Ha fatto il nome di Antonio Conte.
«Quello che avevo da dire su Conte e su tutti gli altri l´ho detto a Palazzi e al pm. E spero di aver preso la strada giusta».
Ha dubbi?
«Sono colpito di essere l´unico ad aver detto finalmente le cose come stavano. Mi aspettavo che dopo tutto quello che è venuto fuori sui giornali in questi ultimi mesi anche gli altri avrebbero deciso di rompere il muro dell´omertà. E invece non lo hanno fatto… Mi chiedo perché».
Perché?
«Troppi interessi nel calcio. A livello economico, a livello di immagine. E quindi alla fine tutti tutelano gli interessi. E la verità va a quel paese».
Lei perché ha parlato, invece?
«Ma perché non ho nulla da perdere. Ho 32 anni, la mia carriera è finita. Almeno così mi sono pulito la coscienza, mi sono tolto un peso. Ho raccontato come funziona un mondo, il mondo del calcio, che non è come la gente se lo immagina. Nel calcio le cose vanno avanti così da una vita e tutti, ripeto, tutti hanno troppo da perdere per cambiare davvero le cose. Personalmente nell´istante in cui sono uscito dalla stanza di Palazzi sono tornato ad essere quello che sono sempre stato, un ragazzo trasparente, normale, che giocava a pallone, non era Maradona, ma faceva con serietà il proprio mestiere. Tutto qui».
E adesso?
«E adesso passerò i guai. So cosa si dirà, si dirà che ho parlato per salvarmi il culo, che sono un furbo. E invece non è così. Il mio culo, almeno a livello sportivo, già me lo sono giocato da tempo. Spero solo di non essere radiato ma è una speranza marginale. Per il resto è chiaro che non ho nulla da perdere. Sono gli altri, quelli che negano, che giudicano, che stanno zitti… Sono loro che provano a salvarsi culo facendomi passare per un furbo. Ma io no sono un furbo, sono solo uno che a un certo punto ha voluto ricominciare a guardarsi allo specchio in pace. Davvero, però, lasciate perdere le interviste. Non è questo il momento di parlare… «.
Magari ha parlato perché Palazzi aveva già in mano prove pesanti.
«Non aveva in mano un granché, a dire il vero… Avrei tranquillamente potuto dire: “non ne so niente” o “non è vero nulla”. No, non è stato per quello, ripeto ho solo voluto dire basta e provare a cambiare le cose, e magari avere la possibilità di tornare a fare una vita normale, con mia moglie e i miei due figli, che sono la cosa più importante del mondo «.
Una vita normale… pensa che sia possibile?
«Non lo so.
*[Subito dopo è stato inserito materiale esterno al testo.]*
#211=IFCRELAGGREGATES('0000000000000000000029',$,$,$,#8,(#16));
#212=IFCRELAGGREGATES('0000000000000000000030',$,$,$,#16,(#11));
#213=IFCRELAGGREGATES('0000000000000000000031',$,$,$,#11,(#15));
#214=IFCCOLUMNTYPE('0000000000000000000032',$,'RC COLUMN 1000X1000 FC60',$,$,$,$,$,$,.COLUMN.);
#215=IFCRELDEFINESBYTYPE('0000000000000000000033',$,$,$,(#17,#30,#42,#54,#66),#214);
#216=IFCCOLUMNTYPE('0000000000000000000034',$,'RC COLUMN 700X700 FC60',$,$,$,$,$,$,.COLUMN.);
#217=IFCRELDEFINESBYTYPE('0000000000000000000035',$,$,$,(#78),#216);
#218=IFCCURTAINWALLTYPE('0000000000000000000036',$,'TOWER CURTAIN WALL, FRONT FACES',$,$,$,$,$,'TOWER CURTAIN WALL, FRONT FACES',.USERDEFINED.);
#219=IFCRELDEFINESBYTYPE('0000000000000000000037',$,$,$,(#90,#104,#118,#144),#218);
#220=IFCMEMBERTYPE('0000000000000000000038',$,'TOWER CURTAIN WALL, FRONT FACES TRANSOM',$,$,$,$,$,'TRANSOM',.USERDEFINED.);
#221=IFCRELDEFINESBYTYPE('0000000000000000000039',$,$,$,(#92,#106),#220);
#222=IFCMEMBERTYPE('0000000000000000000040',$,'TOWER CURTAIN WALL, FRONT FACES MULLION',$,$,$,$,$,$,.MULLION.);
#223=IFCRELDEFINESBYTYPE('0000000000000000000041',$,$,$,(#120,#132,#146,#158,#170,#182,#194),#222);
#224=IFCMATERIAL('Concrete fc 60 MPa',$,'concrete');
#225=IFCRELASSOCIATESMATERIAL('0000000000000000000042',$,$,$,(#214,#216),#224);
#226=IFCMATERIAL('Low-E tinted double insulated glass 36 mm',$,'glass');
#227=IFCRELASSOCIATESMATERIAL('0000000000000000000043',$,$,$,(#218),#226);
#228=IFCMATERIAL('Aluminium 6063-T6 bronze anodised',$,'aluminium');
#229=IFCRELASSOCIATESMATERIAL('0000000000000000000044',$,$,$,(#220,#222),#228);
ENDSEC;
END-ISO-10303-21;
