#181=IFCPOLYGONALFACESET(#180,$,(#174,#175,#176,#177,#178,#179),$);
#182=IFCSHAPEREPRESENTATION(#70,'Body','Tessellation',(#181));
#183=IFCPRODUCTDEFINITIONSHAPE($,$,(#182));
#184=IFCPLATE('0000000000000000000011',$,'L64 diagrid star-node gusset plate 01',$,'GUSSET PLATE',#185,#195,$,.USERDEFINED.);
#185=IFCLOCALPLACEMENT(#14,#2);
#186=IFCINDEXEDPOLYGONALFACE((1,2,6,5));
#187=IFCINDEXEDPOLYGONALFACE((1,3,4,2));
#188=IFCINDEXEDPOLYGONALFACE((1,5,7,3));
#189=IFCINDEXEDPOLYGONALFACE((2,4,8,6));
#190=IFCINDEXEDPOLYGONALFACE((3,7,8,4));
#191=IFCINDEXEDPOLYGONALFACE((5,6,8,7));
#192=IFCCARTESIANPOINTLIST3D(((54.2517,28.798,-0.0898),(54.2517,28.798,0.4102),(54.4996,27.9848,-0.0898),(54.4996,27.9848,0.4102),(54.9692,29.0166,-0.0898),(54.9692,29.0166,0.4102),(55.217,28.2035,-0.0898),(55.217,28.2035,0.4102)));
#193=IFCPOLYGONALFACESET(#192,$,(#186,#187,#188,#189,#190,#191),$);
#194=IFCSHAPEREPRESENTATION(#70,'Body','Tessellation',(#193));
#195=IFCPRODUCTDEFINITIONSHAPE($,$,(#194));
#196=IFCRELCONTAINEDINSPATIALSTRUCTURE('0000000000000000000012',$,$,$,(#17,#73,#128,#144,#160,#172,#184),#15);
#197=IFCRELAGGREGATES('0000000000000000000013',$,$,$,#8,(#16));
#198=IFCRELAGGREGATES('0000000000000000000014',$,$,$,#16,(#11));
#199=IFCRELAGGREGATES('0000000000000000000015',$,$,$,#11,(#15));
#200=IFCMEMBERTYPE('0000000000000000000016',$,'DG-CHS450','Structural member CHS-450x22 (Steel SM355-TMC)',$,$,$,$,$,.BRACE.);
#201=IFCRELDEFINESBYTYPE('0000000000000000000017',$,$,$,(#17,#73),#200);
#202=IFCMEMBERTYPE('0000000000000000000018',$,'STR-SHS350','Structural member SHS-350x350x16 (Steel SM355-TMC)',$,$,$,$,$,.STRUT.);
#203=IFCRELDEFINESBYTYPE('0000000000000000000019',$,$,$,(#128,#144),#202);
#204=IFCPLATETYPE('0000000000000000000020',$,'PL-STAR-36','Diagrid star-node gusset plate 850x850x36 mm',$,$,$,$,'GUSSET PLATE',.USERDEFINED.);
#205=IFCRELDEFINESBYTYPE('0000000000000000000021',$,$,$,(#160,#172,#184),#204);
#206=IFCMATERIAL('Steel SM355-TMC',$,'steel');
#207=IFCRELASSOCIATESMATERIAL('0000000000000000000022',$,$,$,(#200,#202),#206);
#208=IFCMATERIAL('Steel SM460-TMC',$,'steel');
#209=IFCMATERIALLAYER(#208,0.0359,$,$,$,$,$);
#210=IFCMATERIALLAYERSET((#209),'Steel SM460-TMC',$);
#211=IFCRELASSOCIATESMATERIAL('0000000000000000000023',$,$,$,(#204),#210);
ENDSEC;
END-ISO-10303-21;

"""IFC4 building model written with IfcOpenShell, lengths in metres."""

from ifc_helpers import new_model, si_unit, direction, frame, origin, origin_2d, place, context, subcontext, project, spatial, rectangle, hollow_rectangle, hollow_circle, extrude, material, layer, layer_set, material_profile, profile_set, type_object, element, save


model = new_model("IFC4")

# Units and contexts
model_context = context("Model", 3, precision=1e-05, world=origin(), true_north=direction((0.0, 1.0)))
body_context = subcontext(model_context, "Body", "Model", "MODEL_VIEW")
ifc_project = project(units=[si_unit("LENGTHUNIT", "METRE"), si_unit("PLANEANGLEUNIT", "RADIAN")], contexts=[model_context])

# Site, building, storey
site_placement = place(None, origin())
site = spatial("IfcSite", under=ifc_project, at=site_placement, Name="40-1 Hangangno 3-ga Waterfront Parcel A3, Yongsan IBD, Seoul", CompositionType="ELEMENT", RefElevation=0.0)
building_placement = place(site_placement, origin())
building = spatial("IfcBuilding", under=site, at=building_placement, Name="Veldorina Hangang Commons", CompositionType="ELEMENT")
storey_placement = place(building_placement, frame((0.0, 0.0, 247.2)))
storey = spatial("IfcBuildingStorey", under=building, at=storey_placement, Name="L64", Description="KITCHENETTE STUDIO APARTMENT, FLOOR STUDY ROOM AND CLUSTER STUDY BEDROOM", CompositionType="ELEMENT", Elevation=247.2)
Io vivo in un paesino piccolo e sognavo di finire sui giornali per una punizione, non per un verbale. Certo, se mi avessero preso che spacciavo o che facevo del male ai bambini, avrebbero fatto meno casino».
Come pensa di vivere adesso?
«Non lo so. Spero che non mi radino perché mi piacerebbe restare nel mondo del calcio, magari insegnare ai bambini a giocare. Per quanto riguarda il lavoro, non ho idee, forse continuerò a vivere come ho fatto in questi ultimi mesi».
Cioè?
«Lavoro per una comunità per tossicodipendenti, do una mano. È un modo che ho per saldare qualche conto con la mia coscienza. Ma è anche un´esperienza bellissima. Questa gente soffre e tu gli puoi dare una mano».
Ma era davvero così “grosso” il giro?
«Quando sei lì, dopo un po´ ti accorgi che “lo fanno tutti”. E allora lo fai pure tu. Certo se adesso guardo il giornale, e vedo che ci sono stato solo io a raccontare, mi viene il sospetto che lo facessi solo io, che fosse tutto un´allucinazione… Eppure se solo qualcuno mi avesse seguito, sarebbe una rivoluzione».